Wer mir folgt, weiss, dass ich den Begriff "Künstliche Intelligenz" nicht mag, weil er eine Daseinsberechtigung für eine künstliche Intelligenz postuliert. Tatsächlich ist der Begriff "Intelligenz" noch nicht einmal genau definiert. Alternativ wird das Wort "Maschinelles Lernen" oder "Künstliches neuronales Netzwerk" (KNN) verwendet. Der letztgenannte Begriff gibt es am besten wieder.

Nun lasst uns in den Untergang eintauchen.

Zur Einstimmung habe ich ein paar Zitate zusammengefasst:

Wenn die Realität des Todes in den Hintergrund unseres Bewusstseins rückt, tauchen schnell andere Probleme auf, die die Freude rauben und die Lücke füllen.

Bedenke, dass du sterben wirst.

Bedenke, dass du ein Mensch bist.

Sieh dich um und bedenke, dass auch du nur ein Mensch bist.
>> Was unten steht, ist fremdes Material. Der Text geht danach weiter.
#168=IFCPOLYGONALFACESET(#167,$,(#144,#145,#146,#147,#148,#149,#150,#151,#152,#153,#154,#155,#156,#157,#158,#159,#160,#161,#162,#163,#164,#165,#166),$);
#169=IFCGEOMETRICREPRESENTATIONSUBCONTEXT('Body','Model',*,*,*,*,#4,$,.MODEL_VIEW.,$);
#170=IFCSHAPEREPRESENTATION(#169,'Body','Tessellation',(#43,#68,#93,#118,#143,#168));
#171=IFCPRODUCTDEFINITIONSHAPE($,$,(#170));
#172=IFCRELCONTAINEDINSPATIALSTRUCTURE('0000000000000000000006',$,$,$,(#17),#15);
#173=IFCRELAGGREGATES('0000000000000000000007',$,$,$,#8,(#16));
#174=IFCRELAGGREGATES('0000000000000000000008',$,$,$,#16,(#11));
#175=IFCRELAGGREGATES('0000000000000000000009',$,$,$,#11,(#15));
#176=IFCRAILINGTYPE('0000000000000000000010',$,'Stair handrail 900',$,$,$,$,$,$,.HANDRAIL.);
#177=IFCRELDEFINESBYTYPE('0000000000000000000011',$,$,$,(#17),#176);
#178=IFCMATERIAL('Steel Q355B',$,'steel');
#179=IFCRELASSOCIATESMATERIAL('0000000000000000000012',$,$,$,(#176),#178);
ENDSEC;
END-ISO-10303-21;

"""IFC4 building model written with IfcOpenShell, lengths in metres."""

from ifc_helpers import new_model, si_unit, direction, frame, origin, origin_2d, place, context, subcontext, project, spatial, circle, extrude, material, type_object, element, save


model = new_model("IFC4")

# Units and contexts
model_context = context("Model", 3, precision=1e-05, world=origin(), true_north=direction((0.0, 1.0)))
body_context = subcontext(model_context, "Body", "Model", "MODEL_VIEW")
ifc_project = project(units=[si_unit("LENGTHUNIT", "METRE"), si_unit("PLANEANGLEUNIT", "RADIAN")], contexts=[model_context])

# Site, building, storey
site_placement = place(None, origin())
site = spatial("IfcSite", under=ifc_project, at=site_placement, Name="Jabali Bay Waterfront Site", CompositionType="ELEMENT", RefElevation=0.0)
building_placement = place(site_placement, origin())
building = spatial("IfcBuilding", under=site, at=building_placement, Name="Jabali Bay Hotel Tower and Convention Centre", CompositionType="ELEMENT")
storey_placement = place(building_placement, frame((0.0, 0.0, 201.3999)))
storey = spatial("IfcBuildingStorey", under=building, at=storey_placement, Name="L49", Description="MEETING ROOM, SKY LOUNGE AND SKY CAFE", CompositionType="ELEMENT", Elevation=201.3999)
"Memento mori" ist ein Aufruf, sich trotz aller Erfolge und Leistungen nicht überheblich zu verhalten, sondern immer die eigenen Grenzen im Blick zu behalten. Die Erfolge und Leistungen der Menschheit ziehen sich wie ein roter Faden seit der Antike bis zur Neuzeit durch unsere Gesellschaft. Sie waren auch immer mit Ängsten verbunden:

  • Der Arbeiter hatte Angst vor der Dampfmaschine
  • Der Kutscher hatte Angst vor dem Automobil
  • Die Schreibkraft hatte Angst vor der Spracherkennung
  • Der Schachspieler hatte Angst vor dem Schachcomputer
  • Der Redakteur hatte Angst vor GPT3
  • Die Künstlerin hatte Angst vor DALL-E2

In der Vergangenheit haben sich die meisten Ängste als unbegründet erwiesen. Durch den Wegfall des Alten gab es neue Chancen und Berufe durch das Neue. Gerade in der vorindustriellen- und industriellen Zeit, war die Verbesserung leicht nachvollziehbar. Lieber auf dem Traktor sitzen, als den Pflug selber ziehen. In einer Dienstleistungsgesellschaft sind die Vorteile schwerer zu verstehen. Wenn die Bankangestellte durch den Bankautomaten ersetzt wird, ist keine Erleichterung für die Betroffene ersichtlich, sondern lediglich die Chance auf eine Umorientierung hin zu einem höherwertigen Job.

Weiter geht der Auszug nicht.